Closer to home, Radio 4 on Sunday mornings has a short ‘slow radio’ section in the Broadcasting House magazine programme.

As I said, not really my thing, but in the last few days in trying to capture video of ‘my’ Couleuvre in the swimming pond, partly that and trying to escape from our planet’s obvious spinning out of control towards the sun, I set myself up with chair (already there) camera, tripod, Kindle, bifocal specs (in order to see across the pond and also the aiming screen as well ) and a cool drink, to await the the visit.

Now, if you have seen my friend’s video in the Wildlife in the Garden thread you will know that it is only one and a half minutes long. I sat there, perfectly relaxed and cool for the best part of 2 hours to get that action, but every now and then glanced up from my reading to watch something completely different. The otherwise placid pond’s surface is never really still. I became fascinated by the constant movement. Are these circles caused by minute partlcles falling, insects doing the same or something from the deep? Certainly a few are newts grabbing a quick air gulp, but not all

So here is the result.

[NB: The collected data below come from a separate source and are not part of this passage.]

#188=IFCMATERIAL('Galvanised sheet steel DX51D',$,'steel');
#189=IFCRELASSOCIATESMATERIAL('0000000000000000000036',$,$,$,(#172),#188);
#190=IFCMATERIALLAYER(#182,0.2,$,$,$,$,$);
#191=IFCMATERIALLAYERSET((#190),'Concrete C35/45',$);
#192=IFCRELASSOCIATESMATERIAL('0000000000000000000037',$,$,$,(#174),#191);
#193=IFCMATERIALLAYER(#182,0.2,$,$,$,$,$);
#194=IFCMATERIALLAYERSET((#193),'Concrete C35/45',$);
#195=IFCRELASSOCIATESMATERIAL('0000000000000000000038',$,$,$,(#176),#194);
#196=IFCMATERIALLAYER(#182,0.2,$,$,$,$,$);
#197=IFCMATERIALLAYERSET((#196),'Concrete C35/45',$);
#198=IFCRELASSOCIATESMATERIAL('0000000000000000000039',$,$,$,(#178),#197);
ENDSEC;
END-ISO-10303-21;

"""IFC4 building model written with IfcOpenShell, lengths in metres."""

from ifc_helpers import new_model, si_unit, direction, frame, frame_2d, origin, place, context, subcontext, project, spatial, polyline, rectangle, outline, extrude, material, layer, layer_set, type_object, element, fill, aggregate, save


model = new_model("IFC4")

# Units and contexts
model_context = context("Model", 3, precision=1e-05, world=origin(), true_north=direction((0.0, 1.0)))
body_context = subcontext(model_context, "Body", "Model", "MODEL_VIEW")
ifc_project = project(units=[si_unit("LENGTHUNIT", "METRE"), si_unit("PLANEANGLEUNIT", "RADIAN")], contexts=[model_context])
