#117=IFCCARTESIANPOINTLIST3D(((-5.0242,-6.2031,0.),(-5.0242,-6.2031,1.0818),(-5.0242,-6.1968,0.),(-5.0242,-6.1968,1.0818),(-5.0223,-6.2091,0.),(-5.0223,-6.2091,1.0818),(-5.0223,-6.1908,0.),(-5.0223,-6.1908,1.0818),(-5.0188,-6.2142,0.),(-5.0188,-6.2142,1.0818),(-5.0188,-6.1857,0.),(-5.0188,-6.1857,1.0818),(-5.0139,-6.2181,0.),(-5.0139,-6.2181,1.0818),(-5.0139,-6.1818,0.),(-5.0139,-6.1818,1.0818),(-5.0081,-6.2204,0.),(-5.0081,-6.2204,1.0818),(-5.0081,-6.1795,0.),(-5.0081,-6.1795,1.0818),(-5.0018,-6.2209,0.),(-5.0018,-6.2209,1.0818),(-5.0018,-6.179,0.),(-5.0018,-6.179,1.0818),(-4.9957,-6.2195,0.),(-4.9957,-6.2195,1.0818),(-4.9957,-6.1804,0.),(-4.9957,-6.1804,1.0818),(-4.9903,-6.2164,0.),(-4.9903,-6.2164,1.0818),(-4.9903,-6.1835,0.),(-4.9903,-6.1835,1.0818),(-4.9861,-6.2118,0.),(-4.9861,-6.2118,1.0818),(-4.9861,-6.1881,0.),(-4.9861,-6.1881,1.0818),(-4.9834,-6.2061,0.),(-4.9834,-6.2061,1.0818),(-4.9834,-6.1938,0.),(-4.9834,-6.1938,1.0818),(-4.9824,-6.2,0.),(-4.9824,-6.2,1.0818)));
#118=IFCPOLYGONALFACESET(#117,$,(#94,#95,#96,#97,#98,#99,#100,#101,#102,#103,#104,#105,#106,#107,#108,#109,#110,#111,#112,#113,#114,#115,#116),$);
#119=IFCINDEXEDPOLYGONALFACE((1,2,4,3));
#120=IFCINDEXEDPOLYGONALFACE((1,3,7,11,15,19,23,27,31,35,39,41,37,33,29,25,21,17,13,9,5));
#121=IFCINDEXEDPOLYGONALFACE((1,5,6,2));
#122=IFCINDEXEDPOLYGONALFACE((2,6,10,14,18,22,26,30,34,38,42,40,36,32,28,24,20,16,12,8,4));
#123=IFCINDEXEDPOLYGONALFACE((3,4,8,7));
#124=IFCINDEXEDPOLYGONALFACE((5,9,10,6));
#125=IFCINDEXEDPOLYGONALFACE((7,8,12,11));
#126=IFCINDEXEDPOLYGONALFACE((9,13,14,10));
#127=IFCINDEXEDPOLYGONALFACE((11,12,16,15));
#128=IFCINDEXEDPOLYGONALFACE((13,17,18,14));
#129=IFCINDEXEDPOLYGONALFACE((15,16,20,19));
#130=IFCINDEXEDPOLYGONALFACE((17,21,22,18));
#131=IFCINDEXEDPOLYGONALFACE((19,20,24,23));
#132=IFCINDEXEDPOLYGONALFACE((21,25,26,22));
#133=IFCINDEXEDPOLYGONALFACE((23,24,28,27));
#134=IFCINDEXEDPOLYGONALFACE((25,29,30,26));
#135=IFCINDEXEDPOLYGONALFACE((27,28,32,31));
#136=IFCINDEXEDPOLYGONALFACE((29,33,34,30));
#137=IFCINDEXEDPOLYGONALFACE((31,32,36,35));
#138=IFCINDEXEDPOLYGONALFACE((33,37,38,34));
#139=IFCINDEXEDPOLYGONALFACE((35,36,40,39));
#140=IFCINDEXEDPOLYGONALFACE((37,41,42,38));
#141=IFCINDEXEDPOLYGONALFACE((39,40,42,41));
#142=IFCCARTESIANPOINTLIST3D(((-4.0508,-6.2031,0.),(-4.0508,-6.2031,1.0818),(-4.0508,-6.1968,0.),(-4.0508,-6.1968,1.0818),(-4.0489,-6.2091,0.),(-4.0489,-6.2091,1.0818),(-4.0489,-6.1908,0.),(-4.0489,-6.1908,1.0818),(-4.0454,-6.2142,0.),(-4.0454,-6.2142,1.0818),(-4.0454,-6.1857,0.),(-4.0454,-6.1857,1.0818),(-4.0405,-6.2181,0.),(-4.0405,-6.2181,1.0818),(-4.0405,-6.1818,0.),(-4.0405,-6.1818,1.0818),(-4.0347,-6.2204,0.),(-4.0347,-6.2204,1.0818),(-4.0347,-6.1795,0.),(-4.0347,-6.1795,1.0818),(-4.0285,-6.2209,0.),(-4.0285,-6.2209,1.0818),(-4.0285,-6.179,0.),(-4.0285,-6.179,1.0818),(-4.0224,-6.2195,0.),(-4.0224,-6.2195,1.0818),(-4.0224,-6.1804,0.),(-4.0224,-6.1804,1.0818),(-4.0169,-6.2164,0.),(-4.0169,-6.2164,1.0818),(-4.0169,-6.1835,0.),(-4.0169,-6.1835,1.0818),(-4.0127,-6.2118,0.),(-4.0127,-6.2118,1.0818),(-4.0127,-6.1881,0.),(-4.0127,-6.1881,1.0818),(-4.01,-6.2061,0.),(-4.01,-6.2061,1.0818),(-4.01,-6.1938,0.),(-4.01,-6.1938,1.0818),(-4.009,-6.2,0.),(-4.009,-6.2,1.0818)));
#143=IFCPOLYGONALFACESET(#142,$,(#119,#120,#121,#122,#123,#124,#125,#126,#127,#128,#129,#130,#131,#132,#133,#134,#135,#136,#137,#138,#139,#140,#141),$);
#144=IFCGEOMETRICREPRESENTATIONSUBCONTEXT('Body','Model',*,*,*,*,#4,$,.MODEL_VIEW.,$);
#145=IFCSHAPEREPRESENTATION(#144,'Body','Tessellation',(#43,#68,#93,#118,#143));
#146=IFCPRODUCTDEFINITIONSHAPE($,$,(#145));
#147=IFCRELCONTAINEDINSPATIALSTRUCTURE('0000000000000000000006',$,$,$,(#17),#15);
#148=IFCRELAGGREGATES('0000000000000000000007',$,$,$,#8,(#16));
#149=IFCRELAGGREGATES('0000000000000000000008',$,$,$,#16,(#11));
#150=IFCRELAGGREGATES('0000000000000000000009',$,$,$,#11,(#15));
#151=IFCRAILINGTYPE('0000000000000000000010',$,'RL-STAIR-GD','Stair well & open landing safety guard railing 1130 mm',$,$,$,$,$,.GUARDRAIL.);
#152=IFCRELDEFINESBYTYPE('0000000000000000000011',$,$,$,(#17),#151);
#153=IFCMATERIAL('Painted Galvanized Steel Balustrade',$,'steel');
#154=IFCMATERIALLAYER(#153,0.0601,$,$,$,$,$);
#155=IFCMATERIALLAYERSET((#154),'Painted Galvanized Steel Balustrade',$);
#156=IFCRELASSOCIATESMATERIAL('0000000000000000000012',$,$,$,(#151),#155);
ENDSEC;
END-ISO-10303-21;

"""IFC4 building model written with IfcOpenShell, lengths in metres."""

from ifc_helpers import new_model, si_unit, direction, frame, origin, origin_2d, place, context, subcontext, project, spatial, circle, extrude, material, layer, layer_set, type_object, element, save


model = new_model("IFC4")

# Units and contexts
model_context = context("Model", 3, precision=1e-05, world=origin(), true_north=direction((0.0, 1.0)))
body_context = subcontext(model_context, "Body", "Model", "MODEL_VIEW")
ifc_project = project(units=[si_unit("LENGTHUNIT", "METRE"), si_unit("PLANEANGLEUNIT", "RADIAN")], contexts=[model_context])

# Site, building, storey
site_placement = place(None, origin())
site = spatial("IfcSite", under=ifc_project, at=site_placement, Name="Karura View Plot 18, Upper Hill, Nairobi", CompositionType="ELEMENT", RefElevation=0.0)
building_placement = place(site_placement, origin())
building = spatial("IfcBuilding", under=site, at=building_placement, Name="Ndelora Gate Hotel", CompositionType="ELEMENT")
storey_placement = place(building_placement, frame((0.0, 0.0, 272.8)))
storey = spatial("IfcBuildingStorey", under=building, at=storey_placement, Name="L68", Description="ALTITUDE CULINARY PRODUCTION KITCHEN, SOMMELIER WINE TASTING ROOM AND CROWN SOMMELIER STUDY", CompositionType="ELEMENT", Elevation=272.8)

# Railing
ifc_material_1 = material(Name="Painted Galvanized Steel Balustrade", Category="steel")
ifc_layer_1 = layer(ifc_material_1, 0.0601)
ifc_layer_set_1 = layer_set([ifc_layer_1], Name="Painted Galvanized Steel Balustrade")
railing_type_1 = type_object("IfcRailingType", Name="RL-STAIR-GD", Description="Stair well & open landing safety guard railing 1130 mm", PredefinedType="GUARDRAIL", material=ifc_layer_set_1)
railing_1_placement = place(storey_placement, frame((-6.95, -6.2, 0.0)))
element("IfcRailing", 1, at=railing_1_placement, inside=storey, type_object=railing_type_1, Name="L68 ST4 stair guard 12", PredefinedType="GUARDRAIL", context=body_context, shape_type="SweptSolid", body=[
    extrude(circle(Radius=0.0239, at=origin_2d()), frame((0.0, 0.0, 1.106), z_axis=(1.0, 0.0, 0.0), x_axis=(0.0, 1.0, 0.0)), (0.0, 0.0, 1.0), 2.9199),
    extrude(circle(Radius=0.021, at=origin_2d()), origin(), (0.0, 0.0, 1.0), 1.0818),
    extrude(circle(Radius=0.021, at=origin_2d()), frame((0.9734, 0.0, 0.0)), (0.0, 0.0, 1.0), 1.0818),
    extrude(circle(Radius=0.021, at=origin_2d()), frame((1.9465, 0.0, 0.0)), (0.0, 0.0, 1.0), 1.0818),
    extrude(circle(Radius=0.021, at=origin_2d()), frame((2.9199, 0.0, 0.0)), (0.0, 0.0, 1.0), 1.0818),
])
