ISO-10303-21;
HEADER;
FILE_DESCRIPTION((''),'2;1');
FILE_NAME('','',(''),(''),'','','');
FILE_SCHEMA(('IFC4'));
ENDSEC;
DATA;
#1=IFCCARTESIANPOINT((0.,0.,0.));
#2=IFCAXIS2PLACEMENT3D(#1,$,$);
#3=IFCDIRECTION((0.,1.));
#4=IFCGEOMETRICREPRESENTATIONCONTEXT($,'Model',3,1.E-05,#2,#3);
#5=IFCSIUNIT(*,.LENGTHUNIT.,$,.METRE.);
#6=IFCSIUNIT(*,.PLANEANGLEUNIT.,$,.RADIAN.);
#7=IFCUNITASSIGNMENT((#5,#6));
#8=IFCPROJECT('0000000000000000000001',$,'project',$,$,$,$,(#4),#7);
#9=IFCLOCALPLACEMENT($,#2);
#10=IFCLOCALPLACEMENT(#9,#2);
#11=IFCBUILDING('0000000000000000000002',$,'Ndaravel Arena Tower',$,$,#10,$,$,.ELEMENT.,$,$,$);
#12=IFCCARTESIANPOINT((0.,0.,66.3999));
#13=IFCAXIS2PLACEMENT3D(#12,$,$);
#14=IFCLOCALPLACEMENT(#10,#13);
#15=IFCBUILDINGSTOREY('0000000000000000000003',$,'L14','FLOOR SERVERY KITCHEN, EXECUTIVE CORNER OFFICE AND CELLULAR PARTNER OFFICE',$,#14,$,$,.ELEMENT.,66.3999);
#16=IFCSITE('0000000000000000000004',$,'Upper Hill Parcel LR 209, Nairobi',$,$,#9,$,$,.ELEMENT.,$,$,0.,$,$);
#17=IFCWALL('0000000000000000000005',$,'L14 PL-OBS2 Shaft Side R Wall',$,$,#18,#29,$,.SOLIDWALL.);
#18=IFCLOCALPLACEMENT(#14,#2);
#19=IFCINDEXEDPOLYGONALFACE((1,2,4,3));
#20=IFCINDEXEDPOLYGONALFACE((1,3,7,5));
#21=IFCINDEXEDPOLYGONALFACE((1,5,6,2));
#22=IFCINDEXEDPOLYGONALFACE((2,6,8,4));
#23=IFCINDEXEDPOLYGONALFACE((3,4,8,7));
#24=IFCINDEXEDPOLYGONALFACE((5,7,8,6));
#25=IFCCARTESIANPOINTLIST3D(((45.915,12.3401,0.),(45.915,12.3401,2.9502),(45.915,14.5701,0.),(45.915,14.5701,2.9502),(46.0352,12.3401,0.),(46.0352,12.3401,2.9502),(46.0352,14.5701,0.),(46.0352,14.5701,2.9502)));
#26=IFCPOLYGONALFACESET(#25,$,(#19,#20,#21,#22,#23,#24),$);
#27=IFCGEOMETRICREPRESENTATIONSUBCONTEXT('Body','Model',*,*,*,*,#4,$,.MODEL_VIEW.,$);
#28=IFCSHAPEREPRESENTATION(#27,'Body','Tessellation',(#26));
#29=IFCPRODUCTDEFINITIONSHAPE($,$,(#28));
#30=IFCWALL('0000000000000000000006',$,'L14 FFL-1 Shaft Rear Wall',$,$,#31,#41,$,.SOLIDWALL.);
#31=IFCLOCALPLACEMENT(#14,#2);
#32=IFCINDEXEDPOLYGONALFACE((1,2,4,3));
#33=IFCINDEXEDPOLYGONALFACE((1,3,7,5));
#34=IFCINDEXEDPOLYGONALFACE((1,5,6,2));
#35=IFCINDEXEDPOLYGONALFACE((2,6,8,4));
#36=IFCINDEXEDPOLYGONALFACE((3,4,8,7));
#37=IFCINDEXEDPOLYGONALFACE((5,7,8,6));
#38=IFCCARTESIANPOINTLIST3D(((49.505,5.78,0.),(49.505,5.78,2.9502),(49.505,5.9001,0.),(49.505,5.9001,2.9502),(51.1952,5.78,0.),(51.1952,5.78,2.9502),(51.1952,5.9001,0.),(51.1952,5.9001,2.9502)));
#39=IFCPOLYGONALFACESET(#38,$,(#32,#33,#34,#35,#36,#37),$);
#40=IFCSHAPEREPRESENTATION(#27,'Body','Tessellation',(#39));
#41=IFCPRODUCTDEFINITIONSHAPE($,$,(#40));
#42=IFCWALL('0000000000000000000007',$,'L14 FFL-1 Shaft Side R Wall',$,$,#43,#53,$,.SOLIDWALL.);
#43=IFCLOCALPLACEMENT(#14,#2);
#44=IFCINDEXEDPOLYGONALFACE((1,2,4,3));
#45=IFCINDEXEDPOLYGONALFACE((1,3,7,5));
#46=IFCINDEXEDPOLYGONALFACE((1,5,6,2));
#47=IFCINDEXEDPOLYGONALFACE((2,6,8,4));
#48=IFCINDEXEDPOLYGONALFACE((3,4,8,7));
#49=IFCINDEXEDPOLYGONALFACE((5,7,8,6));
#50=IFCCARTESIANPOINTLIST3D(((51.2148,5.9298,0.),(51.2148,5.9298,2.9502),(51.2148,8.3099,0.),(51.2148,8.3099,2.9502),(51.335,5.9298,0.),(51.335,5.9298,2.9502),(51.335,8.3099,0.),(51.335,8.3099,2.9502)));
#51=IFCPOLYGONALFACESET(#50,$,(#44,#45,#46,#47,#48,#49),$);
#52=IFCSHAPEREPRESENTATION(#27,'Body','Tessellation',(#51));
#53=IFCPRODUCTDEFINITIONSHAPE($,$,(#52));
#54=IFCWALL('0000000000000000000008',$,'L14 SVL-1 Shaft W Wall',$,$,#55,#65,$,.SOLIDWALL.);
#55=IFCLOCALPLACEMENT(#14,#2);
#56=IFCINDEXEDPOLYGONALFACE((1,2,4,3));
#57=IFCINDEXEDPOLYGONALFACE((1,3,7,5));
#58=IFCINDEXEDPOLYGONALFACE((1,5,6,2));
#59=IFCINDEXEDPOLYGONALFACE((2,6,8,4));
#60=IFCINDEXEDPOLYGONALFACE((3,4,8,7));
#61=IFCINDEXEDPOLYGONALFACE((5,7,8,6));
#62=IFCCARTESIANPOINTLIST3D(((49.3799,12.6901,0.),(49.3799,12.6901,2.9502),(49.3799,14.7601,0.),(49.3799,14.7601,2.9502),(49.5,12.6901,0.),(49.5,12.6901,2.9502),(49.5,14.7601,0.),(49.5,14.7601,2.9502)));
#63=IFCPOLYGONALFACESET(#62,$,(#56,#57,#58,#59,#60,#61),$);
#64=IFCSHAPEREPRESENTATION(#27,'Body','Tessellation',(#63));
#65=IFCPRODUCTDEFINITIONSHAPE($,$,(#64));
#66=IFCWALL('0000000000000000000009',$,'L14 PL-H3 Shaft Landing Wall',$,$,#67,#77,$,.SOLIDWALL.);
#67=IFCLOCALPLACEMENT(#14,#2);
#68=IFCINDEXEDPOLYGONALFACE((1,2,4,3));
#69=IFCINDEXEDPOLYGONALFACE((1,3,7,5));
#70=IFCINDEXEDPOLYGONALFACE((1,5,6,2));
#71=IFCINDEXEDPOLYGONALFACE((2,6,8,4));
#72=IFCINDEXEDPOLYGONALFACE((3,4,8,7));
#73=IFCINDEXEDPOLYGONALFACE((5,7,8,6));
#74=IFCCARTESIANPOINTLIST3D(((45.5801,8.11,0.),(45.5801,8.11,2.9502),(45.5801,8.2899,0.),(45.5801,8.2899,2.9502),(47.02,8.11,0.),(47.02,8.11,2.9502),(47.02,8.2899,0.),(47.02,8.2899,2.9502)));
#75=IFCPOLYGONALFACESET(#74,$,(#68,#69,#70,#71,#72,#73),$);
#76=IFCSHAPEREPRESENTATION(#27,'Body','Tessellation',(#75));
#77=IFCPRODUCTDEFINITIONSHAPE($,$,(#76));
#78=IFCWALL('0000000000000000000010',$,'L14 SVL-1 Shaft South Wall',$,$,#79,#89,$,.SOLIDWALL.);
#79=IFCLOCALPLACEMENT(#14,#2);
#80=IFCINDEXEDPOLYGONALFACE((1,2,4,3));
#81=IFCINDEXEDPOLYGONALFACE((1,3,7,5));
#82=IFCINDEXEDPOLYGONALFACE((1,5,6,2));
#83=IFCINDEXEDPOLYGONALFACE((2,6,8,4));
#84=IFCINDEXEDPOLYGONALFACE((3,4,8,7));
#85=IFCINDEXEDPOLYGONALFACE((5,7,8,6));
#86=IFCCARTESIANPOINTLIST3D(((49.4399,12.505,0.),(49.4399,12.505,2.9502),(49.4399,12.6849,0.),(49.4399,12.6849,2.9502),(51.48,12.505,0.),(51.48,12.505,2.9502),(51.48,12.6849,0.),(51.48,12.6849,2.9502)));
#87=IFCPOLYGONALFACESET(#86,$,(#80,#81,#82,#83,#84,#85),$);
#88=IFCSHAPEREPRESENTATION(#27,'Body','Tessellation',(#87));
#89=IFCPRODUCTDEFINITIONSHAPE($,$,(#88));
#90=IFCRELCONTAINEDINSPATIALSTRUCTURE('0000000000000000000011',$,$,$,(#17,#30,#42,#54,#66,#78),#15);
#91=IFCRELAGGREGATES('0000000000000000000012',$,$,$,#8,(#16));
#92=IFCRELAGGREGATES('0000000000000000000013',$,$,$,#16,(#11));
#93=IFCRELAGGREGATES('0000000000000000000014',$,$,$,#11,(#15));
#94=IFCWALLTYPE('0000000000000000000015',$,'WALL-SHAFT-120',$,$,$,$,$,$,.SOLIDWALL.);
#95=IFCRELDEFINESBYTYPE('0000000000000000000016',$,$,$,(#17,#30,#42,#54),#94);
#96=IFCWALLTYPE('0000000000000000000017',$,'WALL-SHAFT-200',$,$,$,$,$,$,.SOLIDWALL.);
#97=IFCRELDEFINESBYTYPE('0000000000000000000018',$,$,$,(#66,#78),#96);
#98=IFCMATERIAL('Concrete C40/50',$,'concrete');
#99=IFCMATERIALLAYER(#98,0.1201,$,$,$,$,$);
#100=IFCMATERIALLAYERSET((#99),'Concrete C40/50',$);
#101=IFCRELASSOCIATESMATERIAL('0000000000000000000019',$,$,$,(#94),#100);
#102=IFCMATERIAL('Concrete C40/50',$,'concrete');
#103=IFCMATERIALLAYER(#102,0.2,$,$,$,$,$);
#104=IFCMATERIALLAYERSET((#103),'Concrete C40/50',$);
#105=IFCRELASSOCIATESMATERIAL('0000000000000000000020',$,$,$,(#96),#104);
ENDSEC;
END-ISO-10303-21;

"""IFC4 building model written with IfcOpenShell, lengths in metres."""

from ifc_helpers import new_model, si_unit, direction, frame, frame_2d, origin, place, context, subcontext, project, spatial, rectangle, extrude, material, layer, layer_set, type_object, element, save


model = new_model("IFC4")

# Units and contexts
model_context = context("Model", 3, precision=1e-05, world=origin(), true_north=direction((0.0, 1.0)))
body_context = subcontext(model_context, "Body", "Model", "MODEL_VIEW")
ifc_project = project(units=[si_unit("LENGTHUNIT", "METRE"), si_unit("PLANEANGLEUNIT", "RADIAN")], contexts=[model_context])

# Site, building, storey
site_placement = place(None, origin())
site = spatial("IfcSite", under=ifc_project, at=site_placement, Name="Upper Hill Parcel LR 209, Nairobi", CompositionType="ELEMENT", RefElevation=0.0)
building_placement = place(site_placement, origin())
building = spatial("IfcBuilding", under=site, at=building_placement, Name="Ndaravel Arena Tower", CompositionType="ELEMENT")
storey_placement = place(building_placement, frame((0.0, 0.0, 66.3999)))
storey = spatial("IfcBuildingStorey", under=building, at=storey_placement, Name="L14", Description="FLOOR SERVERY KITCHEN, EXECUTIVE CORNER OFFICE AND CELLULAR PARTNER OFFICE", CompositionType="ELEMENT", Elevation=66.3999)

# Walls
ifc_material_1 = material(Name="Concrete C40/50", Category="concrete")
ifc_layer_1 = layer(ifc_material_1, 0.1201)
ifc_layer_set_1 = layer_set([ifc_layer_1], Name="Concrete C40/50")
wall_type_1 = type_object("IfcWallType", Name="WALL-SHAFT-120", PredefinedType="SOLIDWALL", material=ifc_layer_set_1)
wall_1_placement = place(storey_placement, frame((45.9751, 12.3401, 0.0), z_axis=(0.0, 0.0, 1.0), x_axis=(0.0, 1.0, 0.0)))
element("IfcWall", 1, at=wall_1_placement, inside=storey, type_object=wall_type_1, Name="L14 PL-OBS2 Shaft Side R Wall", PredefinedType="SOLIDWALL", context=body_context, shape_type="SweptSolid", body=[
    extrude(rectangle(XDim=2.23, YDim=0.1201, at=frame_2d((1.115, 0.0))), origin(), (0.0, 0.0, 1.0), 2.9502),
])
wall_2_placement = place(storey_placement, frame((49.5049, 5.8401, 0.0), z_axis=(0.0, 0.0, 1.0), x_axis=(1.0, 0.0, 0.0)))
element("IfcWall", 2, at=wall_2_placement, inside=storey, type_object=wall_type_1, Name="L14 FFL-1 Shaft Rear Wall", PredefinedType="SOLIDWALL", context=body_context, shape_type="SweptSolid", body=[
    extrude(rectangle(XDim=1.6902, YDim=0.1201, at=frame_2d((0.8452, 0.0))), origin(), (0.0, 0.0, 1.0), 2.9502),
])
wall_3_placement = place(storey_placement, frame((51.2749, 5.9299, 0.0), z_axis=(0.0, 0.0, 1.0), x_axis=(0.0, 1.0, 0.0)))
element("IfcWall", 3, at=wall_3_placement, inside=storey, type_object=wall_type_1, Name="L14 FFL-1 Shaft Side R Wall", PredefinedType="SOLIDWALL", context=body_context, shape_type="SweptSolid", body=[
    extrude(rectangle(XDim=2.3801, YDim=0.1201, at=frame_2d((1.1899, 0.0))), origin(), (0.0, 0.0, 1.0), 2.9502),
])
wall_4_placement = place(storey_placement, frame((49.4399, 12.6899, 0.0), z_axis=(0.0, 0.0, 1.0), x_axis=(0.0, 1.0, 0.0)))
element("IfcWall", 4, at=wall_4_placement, inside=storey, type_object=wall_type_1, Name="L14 SVL-1 Shaft W Wall", PredefinedType="SOLIDWALL", context=body_context, shape_type="SweptSolid", body=[
    extrude(rectangle(XDim=2.0701, YDim=0.1201, at=frame_2d((1.0352, 0.0))), origin(), (0.0, 0.0, 1.0), 2.9502),
])
ifc_material_2 = material(Name="Concrete C40/50", Category="concrete")
ifc_layer_2 = layer(ifc_material_2, 0.2)
ifc_layer_set_2 = layer_set([ifc_layer_2], Name="Concrete C40/50")
wall_type_2 = type_object("IfcWallType", Name="WALL-SHAFT-200", PredefinedType="SOLIDWALL", material=ifc_layer_set_2)
wall_5_placement = place(storey_placement, frame((45.5801, 8.2, 0.0), z_axis=(0.0, 0.0, 1.0), x_axis=(1.0, 0.0, 0.0)))
element("IfcWall", 5, at=wall_5_placement, inside=storey, type_object=wall_type_2, Name="L14 PL-H3 Shaft Landing Wall", PredefinedType="SOLIDWALL", context=body_context, shape_type="SweptSolid", body=[
    extrude(rectangle(XDim=1.4399, YDim=0.1799, at=frame_2d((0.72, 0.0))), origin(), (0.0, 0.0, 1.0), 2.9502),
])

# Wall
wall_6_placement = place(storey_placement, frame((49.4399, 12.595, 0.0), z_axis=(0.0, 0.0, 1.0), x_axis=(1.0, 0.0, 0.0)))
element("IfcWall", 6, at=wall_6_placement, inside=storey, type_object=wall_type_2, Name="L14 SVL-1 Shaft South Wall", PredefinedType="SOLIDWALL", context=body_context, shape_type="SweptSolid", body=[
    extrude(rectangle(XDim=2.04, YDim=0.1799, at=frame_2d((1.02, 0.0))), origin(), (0.0, 0.0, 1.0), 2.9502),
])

save(model, "model.ifc")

My title an homage to one of my favourite TV comedies, currently re-run on BBC 4, Ever Decreasing Circles.

It might bore you, it might make you switch off, but it might just bring a very brief period of soothing relaxation to your life. :rofl:

Once again, full screen is best. :grinning:

Flies /wasps touching down for a drink Get closer

Gas released from vegetation on the bottom?

Both good ideas, but I am already within a metre or so of the nearest part of the surface. and I think insects as large as wasps would have been plainly visible. Gas yes, perhaps. Little islands of muddy leaves float to the surface from time to time which I remove, along with leaves, with the net.

Last summer, when I began to renovate the pond and recommence daily swimming, I spent weeks dredging the bottom. When I swim I never touch the bottom, or more precisely never touch anything other than the liner. This is because both ends slope quite steeply (though I can stand unaided at the entry end exit end (to the right of the camera)) and have no detritus on them. I am still trying to make up my mind whether to dredge again this winter, I suppose I must but am bothered by the disturbance to the wildlife down there.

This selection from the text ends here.